Lineczka napisał: | Natalia została skazana na 8 lat, przyznała się do winy i wzięła na siebie konsekwencje swoich czynów. Było jednak do przewidzenia, że nie odsiedzi nawet połowy wyroku, ale przynajmniej kilka miesięcy posiedziała we więzieniu, to zawsze coś. Absurdem byłoby gdyby po kilku dniach wyszła po wycofaniu oskarżenia przez Paolo. Natalia nie chciała mieć Juliana za adwokata. On tylko by kłamał i kręcił, to był jego pomysł na linię obrony. Czego innego można się po nim spodziewać? Życie protki zmieniło się o 180 stopni, ale jakoś mi jej żal nie było, jedynie dziecka. |
Ona spędziła tam chyba z 8-9 mies., prawie całą ciążę. To zdecydowanie za mało. Powinna odsiedzieć cały wyrok, ewentualnie wyjść za dobre sprawowanie.
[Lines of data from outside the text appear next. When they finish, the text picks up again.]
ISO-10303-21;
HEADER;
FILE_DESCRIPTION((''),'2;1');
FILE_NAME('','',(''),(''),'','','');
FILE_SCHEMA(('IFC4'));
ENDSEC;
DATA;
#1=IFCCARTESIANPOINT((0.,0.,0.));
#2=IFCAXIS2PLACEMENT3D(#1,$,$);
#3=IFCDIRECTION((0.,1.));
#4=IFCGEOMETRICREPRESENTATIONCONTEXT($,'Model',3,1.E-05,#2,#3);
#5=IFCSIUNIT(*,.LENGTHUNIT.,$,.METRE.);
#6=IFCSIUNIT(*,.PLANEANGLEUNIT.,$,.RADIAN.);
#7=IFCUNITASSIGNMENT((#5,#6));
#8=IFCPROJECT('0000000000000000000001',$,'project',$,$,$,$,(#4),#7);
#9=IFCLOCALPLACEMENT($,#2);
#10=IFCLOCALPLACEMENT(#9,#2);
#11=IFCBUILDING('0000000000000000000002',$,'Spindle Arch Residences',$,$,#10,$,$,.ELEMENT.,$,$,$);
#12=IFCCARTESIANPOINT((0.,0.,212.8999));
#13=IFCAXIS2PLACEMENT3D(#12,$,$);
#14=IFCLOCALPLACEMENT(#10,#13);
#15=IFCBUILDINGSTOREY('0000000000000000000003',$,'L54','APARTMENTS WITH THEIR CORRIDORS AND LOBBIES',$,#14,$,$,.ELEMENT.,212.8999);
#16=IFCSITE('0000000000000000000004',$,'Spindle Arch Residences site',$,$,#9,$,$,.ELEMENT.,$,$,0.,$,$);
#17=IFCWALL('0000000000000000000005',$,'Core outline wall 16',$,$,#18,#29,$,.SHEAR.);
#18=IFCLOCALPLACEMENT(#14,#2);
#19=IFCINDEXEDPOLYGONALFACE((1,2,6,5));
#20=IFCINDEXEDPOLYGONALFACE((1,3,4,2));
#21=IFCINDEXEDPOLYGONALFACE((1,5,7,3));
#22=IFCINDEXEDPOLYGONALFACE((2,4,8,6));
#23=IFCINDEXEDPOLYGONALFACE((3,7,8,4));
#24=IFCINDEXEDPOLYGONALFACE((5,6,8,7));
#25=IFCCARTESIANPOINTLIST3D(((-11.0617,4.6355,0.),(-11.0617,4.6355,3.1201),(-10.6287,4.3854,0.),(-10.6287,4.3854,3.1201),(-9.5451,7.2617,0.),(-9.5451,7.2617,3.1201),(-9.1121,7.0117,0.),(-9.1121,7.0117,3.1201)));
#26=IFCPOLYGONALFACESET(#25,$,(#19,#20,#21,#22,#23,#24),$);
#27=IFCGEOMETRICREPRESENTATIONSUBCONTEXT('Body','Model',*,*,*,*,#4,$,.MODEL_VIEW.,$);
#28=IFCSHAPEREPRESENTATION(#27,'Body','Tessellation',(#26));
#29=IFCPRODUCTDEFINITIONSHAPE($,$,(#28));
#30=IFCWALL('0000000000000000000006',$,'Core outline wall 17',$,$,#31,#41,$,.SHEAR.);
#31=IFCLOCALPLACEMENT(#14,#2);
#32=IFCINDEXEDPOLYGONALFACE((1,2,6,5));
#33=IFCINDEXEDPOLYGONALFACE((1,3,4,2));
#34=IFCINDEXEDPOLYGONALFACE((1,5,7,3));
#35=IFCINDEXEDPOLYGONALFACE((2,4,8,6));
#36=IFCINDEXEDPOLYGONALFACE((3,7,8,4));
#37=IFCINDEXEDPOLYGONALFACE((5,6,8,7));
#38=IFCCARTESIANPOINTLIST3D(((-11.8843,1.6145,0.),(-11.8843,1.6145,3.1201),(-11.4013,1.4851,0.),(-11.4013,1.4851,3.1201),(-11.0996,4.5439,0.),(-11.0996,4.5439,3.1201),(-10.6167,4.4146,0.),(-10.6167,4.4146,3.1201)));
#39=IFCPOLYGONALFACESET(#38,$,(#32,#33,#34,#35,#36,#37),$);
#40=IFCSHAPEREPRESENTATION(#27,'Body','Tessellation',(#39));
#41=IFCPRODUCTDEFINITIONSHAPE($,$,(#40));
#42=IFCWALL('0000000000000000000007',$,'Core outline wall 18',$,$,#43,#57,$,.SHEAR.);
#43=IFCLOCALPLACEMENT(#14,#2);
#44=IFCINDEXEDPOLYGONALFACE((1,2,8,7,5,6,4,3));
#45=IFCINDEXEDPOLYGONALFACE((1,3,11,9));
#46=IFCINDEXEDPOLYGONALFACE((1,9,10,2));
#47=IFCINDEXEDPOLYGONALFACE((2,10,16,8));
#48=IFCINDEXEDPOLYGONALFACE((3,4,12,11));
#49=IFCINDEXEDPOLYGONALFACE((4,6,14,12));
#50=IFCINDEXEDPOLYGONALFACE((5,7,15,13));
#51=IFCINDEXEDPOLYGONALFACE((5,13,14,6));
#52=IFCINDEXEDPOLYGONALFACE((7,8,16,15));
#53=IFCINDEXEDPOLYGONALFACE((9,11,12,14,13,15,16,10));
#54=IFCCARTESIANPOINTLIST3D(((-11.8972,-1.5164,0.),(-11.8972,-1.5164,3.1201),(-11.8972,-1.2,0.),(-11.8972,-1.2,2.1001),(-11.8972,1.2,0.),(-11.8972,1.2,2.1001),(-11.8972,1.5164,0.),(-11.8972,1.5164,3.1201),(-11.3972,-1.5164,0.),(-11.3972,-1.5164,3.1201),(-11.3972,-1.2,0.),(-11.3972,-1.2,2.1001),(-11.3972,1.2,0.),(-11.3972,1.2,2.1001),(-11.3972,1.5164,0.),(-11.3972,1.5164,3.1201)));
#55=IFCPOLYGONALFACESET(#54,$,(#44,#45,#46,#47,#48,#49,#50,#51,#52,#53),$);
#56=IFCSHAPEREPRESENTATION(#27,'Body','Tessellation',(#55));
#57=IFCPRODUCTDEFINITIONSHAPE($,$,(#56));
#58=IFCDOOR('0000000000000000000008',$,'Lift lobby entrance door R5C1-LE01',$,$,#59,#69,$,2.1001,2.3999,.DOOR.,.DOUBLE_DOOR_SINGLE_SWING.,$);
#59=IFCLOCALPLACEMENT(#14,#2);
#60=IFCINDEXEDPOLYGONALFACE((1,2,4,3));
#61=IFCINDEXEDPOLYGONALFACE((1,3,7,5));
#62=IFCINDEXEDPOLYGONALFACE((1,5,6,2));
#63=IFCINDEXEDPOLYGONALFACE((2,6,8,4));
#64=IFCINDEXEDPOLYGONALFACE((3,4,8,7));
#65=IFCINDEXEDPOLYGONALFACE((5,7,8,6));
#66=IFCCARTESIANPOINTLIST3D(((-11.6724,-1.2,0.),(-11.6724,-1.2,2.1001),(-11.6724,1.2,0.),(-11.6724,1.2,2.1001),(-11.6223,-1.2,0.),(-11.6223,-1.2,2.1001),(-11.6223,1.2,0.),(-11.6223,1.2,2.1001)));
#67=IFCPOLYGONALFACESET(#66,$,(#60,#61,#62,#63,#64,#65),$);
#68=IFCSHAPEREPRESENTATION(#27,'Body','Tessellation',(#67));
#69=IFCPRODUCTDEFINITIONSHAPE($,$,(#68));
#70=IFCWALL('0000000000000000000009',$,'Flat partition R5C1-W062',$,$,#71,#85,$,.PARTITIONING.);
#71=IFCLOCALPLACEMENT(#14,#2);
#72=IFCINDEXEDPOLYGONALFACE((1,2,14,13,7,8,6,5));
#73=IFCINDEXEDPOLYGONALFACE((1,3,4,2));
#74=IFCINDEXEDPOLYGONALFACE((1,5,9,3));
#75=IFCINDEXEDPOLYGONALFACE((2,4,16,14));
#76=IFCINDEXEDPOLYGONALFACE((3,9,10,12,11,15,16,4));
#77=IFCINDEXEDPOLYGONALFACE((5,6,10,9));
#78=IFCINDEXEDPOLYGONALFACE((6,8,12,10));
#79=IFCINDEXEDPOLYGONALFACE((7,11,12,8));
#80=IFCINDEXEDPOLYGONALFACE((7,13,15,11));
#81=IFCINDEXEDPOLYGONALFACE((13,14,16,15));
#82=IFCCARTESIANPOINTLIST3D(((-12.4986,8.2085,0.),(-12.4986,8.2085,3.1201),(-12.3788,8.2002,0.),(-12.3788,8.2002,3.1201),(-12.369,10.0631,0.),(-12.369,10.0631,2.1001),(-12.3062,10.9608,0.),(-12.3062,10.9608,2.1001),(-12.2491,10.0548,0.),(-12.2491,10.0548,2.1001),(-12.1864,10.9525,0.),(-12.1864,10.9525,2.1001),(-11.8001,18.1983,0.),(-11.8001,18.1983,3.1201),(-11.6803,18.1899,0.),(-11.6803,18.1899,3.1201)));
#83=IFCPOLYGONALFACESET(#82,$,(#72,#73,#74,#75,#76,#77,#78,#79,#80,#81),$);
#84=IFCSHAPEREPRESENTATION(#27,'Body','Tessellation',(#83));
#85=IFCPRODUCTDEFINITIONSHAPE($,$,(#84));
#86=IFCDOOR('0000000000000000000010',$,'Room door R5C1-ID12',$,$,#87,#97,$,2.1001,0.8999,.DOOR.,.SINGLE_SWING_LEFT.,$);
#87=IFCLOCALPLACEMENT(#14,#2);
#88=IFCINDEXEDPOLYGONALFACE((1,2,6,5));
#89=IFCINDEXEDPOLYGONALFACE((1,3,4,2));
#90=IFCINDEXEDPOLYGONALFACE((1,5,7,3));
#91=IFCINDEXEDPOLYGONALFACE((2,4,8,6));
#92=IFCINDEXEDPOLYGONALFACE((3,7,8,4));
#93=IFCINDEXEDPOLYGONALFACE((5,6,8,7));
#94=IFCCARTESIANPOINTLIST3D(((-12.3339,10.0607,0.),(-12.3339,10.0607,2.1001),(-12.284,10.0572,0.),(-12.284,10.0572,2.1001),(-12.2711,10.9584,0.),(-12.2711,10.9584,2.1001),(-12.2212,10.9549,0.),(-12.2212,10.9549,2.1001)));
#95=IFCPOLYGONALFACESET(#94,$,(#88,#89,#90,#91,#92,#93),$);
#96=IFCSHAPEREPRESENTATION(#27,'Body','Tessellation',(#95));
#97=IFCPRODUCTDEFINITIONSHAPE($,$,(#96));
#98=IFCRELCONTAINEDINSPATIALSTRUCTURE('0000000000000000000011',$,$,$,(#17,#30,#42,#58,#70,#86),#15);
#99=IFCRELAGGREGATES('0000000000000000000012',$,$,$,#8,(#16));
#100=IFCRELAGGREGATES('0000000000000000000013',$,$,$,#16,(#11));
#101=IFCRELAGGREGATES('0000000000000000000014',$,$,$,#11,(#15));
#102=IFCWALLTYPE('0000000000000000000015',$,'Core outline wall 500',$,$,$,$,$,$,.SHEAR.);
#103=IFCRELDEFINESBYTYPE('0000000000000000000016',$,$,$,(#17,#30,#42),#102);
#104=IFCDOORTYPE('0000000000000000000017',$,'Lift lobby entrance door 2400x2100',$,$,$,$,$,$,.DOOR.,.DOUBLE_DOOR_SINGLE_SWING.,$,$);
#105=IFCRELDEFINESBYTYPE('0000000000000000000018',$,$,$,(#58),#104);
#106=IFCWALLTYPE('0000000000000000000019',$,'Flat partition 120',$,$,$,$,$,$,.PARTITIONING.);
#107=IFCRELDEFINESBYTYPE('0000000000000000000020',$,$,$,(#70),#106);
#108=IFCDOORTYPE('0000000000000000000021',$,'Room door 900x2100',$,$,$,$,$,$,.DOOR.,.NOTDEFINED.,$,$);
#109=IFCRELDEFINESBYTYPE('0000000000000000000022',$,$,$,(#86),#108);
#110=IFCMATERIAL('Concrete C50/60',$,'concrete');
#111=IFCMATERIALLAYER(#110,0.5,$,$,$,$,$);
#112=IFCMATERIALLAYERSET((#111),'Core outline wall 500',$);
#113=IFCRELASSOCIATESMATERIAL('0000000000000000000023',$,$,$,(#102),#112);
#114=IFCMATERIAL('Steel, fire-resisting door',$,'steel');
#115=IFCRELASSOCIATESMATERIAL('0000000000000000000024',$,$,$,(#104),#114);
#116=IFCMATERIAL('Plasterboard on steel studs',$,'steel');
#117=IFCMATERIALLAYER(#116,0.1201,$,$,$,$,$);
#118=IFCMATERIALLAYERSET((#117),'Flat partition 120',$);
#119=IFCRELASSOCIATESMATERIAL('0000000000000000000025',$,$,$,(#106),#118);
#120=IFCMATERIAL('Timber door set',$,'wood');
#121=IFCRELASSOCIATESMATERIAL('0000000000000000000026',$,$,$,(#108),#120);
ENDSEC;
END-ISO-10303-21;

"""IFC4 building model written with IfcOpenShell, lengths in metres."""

from ifc_helpers import new_model, si_unit, direction, frame, frame_2d, origin, place, context, subcontext, project, spatial, rectangle, extrude, material, layer, layer_set, type_object, element, fill, save


model = new_model("IFC4")

# Units and contexts
model_context = context("Model", 3, precision=1e-05, world=origin(), true_north=direction((0.0, 1.0)))
body_context = subcontext(model_context, "Body", "Model", "MODEL_VIEW")
ifc_project = project(units=[si_unit("LENGTHUNIT", "METRE"), si_unit("PLANEANGLEUNIT", "RADIAN")], contexts=[model_context])

# Site, building, storey
site_placement = place(None, origin())
site = spatial("IfcSite", under=ifc_project, at=site_placement, Name="Spindle Arch Residences site", CompositionType="ELEMENT", RefElevation=0.0)
building_placement = place(site_placement, origin())
building = spatial("IfcBuilding", under=site, at=building_placement, Name="Spindle Arch Residences", CompositionType="ELEMENT")
storey_placement = place(building_placement, frame((0.0, 0.0, 212.8999)))
storey = spatial("IfcBuildingStorey", under=building, at=storey_placement, Name="L54", Description="APARTMENTS WITH THEIR CORRIDORS AND LOBBIES", CompositionType="ELEMENT", Elevation=212.8999)

# Walls
ifc_material_1 = material(Name="Concrete C50/60", Category="concrete")
ifc_layer_1 = layer(ifc_material_1, 0.5)
ifc_layer_set_1 = layer_set([ifc_layer_1], Name="Core outline wall 500")
wall_type_1 = type_object("IfcWallType", Name="Core outline wall 500", PredefinedType="SHEAR", material=ifc_layer_set_1)
for number, where, z_axis, x_axis, name in (
    (1, (-9.3286, 7.1367, 0.0), (0.0, 0.0, 1.0), (-0.500087, -0.865975, 0.0), "Core outline wall 16"),
    (2, (-10.8582, 4.4792, 0.0), (0.0, 0.0, 1.0), (-0.258735, -0.965948, 0.0), "Core outline wall 17"),
):
    element("IfcWall", number, at=place(storey_placement, frame(where, z_axis=z_axis, x_axis=x_axis)), inside=storey, type_object=wall_type_1, Name=name, PredefinedType="SHEAR", context=body_context, shape_type="SweptSolid", body=[
        extrude(rectangle(XDim=3.0327, YDim=0.5, at=frame_2d((1.5164, 0.0))), origin(), (0.0, 0.0, 1.0), 3.1201),
    ])

# Walls, openings, doors
wall_1_placement = place(storey_placement, frame((-11.6472, 1.5164, 0.0), z_axis=(0.0, 0.0, 1.0), x_axis=(0.0, -1.0, 0.0)))
wall_1 = element("IfcWall", 3, at=wall_1_placement, inside=storey, type_object=wall_type_1, Name="Core outline wall 18", PredefinedType="SHEAR", context=body_context, shape_type="SweptSolid", body=[
    extrude(rectangle(XDim=3.0327, YDim=0.5, at=frame_2d((1.5164, 0.0))), origin(), (0.0, 0.0, 1.0), 3.1201),
])
opening_1_placement = place(wall_1_placement, frame((0.3164, 0.0, 0.0)))
opening_1 = element("IfcOpeningElement", 4, at=opening_1_placement, cuts=wall_1, PredefinedType="OPENING", context=body_context, shape_type="SweptSolid", body=[
    extrude(rectangle(XDim=2.3999, YDim=2.1001, at=frame_2d((1.2, 1.05))), frame((0.0, 0.26, 0.0), z_axis=(0.0, -1.0, 0.0), x_axis=(1.0, 0.0, 0.0)), (0.0, 0.0, 1.0), 0.52),
])
ifc_material_2 = material(Name="Steel, fire-resisting door", Category="steel")
door_type_1 = type_object("IfcDoorType", Name="Lift lobby entrance door 2400x2100", OperationType="DOUBLE_DOOR_SINGLE_SWING", PredefinedType="DOOR", material=ifc_material_2)
door_1_placement = place(opening_1_placement, origin())
door_1 = element("IfcDoor", 5, at=door_1_placement, inside=storey, type_object=door_type_1, Name="Lift lobby entrance door R5C1-LE01", OperationType="DOUBLE_DOOR_SINGLE_SWING", OverallHeight=2.1001, OverallWidth=2.3999, PredefinedType="DOOR", context=body_context, shape_type="SweptSolid", body=[
    extrude(rectangle(XDim=2.3999, YDim=2.1001, at=frame_2d((1.2, 1.05))), frame((0.0, 0.0249, 0.0), z_axis=(0.0, -1.0, 0.0), x_axis=(1.0, 0.0, 0.0)), (0.0, 0.0, 1.0), 0.05),
])
fill(opening_1, door_1)
ifc_material_3 = material(Name="Plasterboard on steel studs", Category="steel")
ifc_layer_2 = layer(ifc_material_3, 0.1201)
ifc_layer_set_2 = layer_set([ifc_layer_2], Name="Flat partition 120")
wall_type_2 = type_object("IfcWallType", Name="Flat partition 120", PredefinedType="PARTITIONING", material=ifc_layer_set_2)
wall_2_placement = place(storey_placement, frame((-12.4387, 8.2043, 0.0), z_axis=(0.0, 0.0, 1.0), x_axis=(0.06975, 0.997565, 0.0)))
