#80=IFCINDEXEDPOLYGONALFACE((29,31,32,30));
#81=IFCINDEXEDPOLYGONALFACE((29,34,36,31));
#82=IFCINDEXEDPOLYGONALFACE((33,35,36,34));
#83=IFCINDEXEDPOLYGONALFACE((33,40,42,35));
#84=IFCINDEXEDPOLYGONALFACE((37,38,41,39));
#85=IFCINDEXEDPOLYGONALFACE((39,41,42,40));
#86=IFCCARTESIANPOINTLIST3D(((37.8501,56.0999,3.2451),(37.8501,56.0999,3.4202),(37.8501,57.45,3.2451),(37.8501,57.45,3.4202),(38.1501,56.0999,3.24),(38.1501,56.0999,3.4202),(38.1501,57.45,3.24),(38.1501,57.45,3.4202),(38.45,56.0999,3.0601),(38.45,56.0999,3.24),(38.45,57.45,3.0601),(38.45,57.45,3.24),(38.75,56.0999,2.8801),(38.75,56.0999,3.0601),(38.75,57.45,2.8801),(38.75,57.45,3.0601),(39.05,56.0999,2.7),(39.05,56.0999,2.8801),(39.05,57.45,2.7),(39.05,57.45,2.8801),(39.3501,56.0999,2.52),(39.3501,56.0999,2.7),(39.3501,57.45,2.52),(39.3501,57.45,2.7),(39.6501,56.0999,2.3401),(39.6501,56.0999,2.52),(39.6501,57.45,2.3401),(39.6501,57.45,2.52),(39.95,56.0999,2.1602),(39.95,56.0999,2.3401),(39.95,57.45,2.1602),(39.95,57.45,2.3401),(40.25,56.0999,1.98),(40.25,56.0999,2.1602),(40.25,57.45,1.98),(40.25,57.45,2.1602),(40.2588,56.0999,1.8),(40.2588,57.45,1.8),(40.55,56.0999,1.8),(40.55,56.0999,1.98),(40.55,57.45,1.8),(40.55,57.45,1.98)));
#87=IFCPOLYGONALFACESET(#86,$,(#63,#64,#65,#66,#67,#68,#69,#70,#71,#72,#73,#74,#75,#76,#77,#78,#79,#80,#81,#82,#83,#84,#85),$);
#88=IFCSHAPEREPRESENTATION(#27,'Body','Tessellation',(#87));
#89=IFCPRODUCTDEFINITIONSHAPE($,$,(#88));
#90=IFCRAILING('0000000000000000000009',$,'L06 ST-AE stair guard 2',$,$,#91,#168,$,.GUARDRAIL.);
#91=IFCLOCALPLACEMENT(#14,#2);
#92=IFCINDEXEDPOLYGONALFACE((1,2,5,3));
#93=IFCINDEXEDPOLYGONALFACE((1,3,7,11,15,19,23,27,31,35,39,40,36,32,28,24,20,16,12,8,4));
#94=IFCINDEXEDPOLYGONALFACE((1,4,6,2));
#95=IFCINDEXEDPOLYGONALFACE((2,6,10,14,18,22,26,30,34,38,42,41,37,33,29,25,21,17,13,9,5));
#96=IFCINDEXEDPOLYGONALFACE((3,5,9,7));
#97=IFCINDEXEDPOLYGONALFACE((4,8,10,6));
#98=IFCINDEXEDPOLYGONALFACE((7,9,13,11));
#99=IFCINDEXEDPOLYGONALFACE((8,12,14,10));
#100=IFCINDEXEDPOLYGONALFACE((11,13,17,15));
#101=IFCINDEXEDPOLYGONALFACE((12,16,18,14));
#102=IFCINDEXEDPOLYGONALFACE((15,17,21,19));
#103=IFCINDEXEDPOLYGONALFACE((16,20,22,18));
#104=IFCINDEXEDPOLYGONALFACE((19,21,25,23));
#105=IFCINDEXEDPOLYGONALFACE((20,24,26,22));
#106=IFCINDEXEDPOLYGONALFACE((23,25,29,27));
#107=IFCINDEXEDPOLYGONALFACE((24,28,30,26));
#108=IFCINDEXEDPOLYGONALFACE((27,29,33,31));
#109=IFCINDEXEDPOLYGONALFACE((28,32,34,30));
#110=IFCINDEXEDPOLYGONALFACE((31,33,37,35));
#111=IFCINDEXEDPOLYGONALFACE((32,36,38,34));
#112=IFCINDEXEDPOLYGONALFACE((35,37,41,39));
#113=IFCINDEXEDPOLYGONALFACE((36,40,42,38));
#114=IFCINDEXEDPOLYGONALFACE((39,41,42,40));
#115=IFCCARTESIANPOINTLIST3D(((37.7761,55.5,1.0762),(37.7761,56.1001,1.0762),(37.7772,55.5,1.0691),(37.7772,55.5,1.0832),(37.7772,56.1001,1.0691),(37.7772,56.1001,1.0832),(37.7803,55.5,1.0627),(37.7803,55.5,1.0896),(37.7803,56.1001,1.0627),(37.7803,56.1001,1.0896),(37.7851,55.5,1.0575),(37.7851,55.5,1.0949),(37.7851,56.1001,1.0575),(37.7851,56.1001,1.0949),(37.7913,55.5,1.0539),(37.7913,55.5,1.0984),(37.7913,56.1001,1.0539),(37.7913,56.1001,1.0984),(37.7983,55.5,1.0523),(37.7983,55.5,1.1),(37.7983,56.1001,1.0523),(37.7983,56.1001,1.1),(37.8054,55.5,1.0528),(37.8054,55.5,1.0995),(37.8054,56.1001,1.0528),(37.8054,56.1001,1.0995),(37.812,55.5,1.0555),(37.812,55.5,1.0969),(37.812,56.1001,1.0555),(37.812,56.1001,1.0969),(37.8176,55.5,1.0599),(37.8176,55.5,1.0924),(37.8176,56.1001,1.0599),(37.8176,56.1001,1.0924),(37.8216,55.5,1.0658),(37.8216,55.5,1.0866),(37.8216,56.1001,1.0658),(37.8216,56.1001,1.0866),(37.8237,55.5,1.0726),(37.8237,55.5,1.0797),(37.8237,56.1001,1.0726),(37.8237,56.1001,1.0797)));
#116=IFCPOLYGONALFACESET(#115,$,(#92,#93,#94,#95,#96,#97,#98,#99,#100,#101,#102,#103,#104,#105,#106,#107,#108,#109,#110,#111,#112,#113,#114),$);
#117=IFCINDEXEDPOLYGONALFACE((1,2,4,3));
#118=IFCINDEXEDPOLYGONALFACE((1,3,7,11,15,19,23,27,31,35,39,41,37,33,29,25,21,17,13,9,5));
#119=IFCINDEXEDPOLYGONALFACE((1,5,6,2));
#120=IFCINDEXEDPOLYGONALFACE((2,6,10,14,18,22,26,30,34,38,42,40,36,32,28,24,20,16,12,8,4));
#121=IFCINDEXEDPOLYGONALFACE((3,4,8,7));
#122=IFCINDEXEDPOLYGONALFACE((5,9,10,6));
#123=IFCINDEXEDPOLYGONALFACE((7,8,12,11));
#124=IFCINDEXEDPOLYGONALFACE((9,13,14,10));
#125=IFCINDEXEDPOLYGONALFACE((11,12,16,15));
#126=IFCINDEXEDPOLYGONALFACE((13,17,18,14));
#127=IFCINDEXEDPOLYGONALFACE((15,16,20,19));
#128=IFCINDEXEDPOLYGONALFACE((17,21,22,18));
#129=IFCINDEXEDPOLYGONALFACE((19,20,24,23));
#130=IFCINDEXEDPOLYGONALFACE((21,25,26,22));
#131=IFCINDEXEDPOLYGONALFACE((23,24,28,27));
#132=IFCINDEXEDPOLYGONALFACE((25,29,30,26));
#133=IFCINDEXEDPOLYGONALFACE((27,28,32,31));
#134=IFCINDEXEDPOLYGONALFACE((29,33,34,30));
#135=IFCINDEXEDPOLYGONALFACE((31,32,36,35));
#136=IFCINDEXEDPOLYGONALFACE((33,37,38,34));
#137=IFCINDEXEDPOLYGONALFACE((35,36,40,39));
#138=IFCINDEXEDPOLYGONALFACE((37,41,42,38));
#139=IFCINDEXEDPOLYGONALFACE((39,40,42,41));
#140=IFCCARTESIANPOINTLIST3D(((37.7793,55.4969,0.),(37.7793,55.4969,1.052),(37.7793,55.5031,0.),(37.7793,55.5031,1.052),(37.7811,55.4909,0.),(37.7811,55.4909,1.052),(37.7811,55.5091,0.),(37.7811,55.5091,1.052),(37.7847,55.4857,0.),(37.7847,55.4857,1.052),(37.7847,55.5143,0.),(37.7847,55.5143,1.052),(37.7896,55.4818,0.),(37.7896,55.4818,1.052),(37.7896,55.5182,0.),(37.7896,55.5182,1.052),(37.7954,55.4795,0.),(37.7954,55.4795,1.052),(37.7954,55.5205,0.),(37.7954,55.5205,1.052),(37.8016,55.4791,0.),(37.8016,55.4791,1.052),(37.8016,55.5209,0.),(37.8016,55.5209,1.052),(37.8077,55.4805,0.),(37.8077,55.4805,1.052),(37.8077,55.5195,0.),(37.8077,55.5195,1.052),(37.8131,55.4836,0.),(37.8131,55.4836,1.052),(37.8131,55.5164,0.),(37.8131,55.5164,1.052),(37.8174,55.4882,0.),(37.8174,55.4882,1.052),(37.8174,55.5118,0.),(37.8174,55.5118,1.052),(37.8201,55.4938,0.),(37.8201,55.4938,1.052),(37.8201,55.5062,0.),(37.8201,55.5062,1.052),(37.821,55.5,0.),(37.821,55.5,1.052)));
Julian kłamstwami chciał wyciągnąć Natalię z więzienia. Nawet przed jej przemową w sądzie widać było, że mówiła na początku to, co kazał jej Julian czyli, że Paolo rozmawiał przez telefon, nie obejrzał się itd. Tak jakby on był współwinny... Potem jednak zaczęła mówić to, co myśli. Tyle dobrego, że nie zgodziła się na dalsze kłamstwa i kręcenie.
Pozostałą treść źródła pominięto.